Là-haut, vers la montagne

K2, une expé particulièredossier
Guide de haute montagne et cinéaste, François Damilano est au Pakistan pour une nouvelle expédition himalayenne. Pour Libération, il distille quelques cartes postales d’altitude depuis le K2, second sommet de la Terre.
Sur le glacier Godwen Austen. (François Damilano.)
par François Damilano
publié le 28 juin 2016 à 9h22
(mis à jour le 28 juin 2016 à 11h00)

«François, what are we doing here?» («François, qu'est-ce qu'on fait là?»)

Le guide Andreas entre dans la tente mess avec la tête des mauvais jours. Il n’a pas beaucoup dormi. Trop d’images tournent dans sa tête. La responsabilité du groupe, l’ampleur du projet.

«Did you hear the mountain last night?» («As-tu entendu la montagne cette nuit?»)

Oui j’ai entendu. Les montagnes bougent.

Non, moi non plus je n’ai pas beaucoup dormi. Le sommeil fuyant, je me suis pelotonné dans mon sac de couchage, ouvert l’ordi et trié les photos du début de notre périple.

Les pistes chaotiques entre Skardu et Askole ponctuées des traversées de torrents et de coulées de boue. L’approche du glacier du Baltoro dans une vallée strictement minérale: aucun alpage, aucune masure, pas d’homme. L’apparition du Paiju Peak, des tours de Trango, des parois de Ca-thedral, hallucinantes falaises culminant à plus de 6000 mètres et qui ont attiré quelques-unes des meilleures roc stars du monde. Puis un peu plus loin, les imposants Masherbrum et Gasherbrum IV, juste un peu moins de 8000 mètres d’altitude mais d’une raideur qui empêche l’imagination d’y dessiner un itinéraire possible. Nous avons cheminé ainsi six longues journées à passer d’une rive à l’autre d’un des plus grands glaciers d’Himalaya, à nous perdre au milieu d’interminables moraines sous la chaleur du début d’été pakistanais. Six jours à côtoyer les porteurs et les muletiers qui transportent nos centaines de kilos de vivre et de matériel nécessaire à une expédition de deux mois.
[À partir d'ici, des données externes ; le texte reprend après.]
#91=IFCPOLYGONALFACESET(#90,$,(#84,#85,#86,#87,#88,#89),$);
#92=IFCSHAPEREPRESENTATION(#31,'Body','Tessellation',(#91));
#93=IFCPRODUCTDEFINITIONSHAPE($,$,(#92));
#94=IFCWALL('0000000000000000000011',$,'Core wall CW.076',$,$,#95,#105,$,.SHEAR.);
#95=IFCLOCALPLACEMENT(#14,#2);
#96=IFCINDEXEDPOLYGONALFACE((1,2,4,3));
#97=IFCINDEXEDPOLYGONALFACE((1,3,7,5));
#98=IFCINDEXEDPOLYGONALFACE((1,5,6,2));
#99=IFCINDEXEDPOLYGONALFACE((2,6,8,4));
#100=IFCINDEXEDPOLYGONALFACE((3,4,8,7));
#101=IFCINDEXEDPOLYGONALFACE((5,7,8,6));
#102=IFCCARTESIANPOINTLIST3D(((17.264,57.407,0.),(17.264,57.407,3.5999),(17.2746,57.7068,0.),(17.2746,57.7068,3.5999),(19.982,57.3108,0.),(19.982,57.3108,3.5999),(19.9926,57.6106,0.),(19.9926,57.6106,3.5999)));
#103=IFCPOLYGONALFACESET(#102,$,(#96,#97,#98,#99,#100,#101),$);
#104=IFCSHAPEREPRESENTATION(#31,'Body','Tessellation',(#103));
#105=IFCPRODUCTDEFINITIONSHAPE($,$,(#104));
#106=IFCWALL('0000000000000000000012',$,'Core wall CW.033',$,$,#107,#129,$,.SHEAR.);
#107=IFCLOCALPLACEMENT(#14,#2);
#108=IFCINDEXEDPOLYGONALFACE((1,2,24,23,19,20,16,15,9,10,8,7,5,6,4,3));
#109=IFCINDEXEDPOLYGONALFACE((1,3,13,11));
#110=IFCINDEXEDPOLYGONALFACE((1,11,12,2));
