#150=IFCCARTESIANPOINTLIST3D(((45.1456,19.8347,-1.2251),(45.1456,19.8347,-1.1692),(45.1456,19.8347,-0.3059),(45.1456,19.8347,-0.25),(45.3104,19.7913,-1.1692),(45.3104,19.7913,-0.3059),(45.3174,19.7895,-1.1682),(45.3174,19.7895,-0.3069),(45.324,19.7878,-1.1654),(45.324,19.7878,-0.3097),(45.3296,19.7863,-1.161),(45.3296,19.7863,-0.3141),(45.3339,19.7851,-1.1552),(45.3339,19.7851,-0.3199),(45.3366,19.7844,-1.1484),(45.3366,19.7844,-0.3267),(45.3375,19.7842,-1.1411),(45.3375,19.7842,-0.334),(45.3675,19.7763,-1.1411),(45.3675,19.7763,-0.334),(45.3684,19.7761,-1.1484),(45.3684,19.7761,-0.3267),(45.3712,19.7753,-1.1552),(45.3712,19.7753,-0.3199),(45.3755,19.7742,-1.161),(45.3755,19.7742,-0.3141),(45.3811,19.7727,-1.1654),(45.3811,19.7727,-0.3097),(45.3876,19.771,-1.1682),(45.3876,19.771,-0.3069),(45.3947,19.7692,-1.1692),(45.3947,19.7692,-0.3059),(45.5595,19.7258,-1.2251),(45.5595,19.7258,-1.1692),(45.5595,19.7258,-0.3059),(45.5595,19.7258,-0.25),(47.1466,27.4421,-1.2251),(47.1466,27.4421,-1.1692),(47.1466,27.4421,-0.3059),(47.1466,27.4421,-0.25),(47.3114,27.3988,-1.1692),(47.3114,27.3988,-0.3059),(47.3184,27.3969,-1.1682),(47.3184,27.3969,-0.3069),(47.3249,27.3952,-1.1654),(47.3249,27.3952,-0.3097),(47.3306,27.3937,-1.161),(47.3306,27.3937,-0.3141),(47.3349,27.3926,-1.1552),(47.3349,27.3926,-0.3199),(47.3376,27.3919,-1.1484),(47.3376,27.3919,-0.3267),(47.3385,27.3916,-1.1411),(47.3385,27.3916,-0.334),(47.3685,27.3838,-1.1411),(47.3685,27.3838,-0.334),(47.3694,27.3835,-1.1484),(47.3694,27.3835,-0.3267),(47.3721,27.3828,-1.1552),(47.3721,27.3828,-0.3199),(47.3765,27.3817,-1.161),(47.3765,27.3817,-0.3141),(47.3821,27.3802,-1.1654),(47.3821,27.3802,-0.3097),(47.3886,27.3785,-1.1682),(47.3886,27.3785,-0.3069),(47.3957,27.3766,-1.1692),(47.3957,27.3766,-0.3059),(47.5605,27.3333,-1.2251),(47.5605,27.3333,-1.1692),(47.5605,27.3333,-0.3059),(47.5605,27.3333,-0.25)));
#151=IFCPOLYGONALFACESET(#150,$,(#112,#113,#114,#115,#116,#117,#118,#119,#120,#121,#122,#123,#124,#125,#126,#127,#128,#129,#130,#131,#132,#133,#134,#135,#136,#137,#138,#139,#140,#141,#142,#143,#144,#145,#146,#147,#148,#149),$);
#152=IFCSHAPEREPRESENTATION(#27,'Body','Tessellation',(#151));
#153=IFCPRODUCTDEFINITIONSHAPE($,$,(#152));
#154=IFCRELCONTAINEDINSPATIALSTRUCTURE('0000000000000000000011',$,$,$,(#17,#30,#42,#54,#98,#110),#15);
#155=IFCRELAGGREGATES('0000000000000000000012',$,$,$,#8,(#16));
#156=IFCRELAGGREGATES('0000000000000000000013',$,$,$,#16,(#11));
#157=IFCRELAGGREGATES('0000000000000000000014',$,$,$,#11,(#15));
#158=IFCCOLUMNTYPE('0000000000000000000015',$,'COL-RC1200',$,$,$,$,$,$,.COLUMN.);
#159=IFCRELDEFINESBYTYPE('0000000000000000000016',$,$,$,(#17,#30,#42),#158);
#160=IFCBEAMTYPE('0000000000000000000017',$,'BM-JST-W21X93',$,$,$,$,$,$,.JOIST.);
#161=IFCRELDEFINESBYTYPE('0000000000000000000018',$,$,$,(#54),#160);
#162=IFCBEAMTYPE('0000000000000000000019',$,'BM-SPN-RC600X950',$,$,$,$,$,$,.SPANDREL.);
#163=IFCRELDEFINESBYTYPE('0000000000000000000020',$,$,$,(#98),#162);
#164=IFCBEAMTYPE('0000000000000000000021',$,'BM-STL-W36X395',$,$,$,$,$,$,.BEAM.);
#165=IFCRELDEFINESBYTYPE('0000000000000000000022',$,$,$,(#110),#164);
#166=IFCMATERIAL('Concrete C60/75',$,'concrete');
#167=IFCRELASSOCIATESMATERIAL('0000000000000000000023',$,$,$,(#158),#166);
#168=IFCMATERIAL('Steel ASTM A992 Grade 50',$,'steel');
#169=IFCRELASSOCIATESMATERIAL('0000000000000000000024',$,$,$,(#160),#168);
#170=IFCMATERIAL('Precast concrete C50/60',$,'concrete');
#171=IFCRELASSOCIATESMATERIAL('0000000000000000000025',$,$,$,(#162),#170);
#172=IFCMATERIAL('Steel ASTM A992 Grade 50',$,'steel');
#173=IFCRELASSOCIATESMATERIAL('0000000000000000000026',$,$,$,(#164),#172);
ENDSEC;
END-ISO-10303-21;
Un peu de neige nous a cueilli au camp de base (5000 m) au pied d’un K2 qui s’est à peine dé-voilé parmi le jeu des nuages.

Cette nuit je me remémore ces quelques jours qui nous ont déjà menés si loin des nôtres, si loin de notre quotidien. Et tourne dans ma tête les premiers mails reçus au gré de l’électricité – solaire et aléatoire – et des quelques minutes de wifi – lent et capricieux via le modem satellite.

«François, what are we doing here?» Bonne question, Andreas.

Au petit meeting d’arrivée au camp de base, chaque membre de l’équipe s’est livré au jeu de l’autoportrait individuel. Dans un parfait broken english, chacun s’est succinctement présenté, a esquissé son parcours himalayen – ici il n’y a que des multirécidivistes des plus hauts sommets de la terre – et a tenté de dévoiler son état d’esprit au moment d’entreprendre l’ascension du second sommet de la planète. Il a été beaucoup question de plaisir d’être en montagne, de moments à partager en équipe… Un peu court bien sûr pour justifier une telle entreprise ! Mais comment livrer tout de go quelques motivations profondes, parler de l’ambition ou la place de l’égo, évoquer la nécessité d’être ailleurs, la recherche incessante de la puissance des émotions «d’en haut» qui équilibre la vie dans la vallée, le plaisir de grimper devenu un métier, l’insatiable soif du différent.

«François, what are we doing here?»

Petit-déjeuner rapidement avalé, nous nous sommes mis en route. Nous avons dépassé les dernières tentes pour prendre pied sur la partie supérieure du glacier glacier Godwen Austen puis cheminer entre les séracs. L’appareil photo et la caméra me semblent un peu plus lourds que d’habitude dans le sac.

Lentement, le jour éclaire les pentes puissantes de la pyramide du K2 puis l’impressionnante face nord du Broad Peak. Distance des glaciers et hauteurs des montagnes sont dans la démesure et paradoxalement à ce moment d’une grande sérénité. La lumière est douce, l’air juste frais. Pas de vent, pas de bruit. Juste le crissement des crampons sur la glace de dix grimpeurs en quête d’un nouvel absolu.

De ces moments magnifiques qui balaient toute question.

Mais qui n’apportent pas de réponse.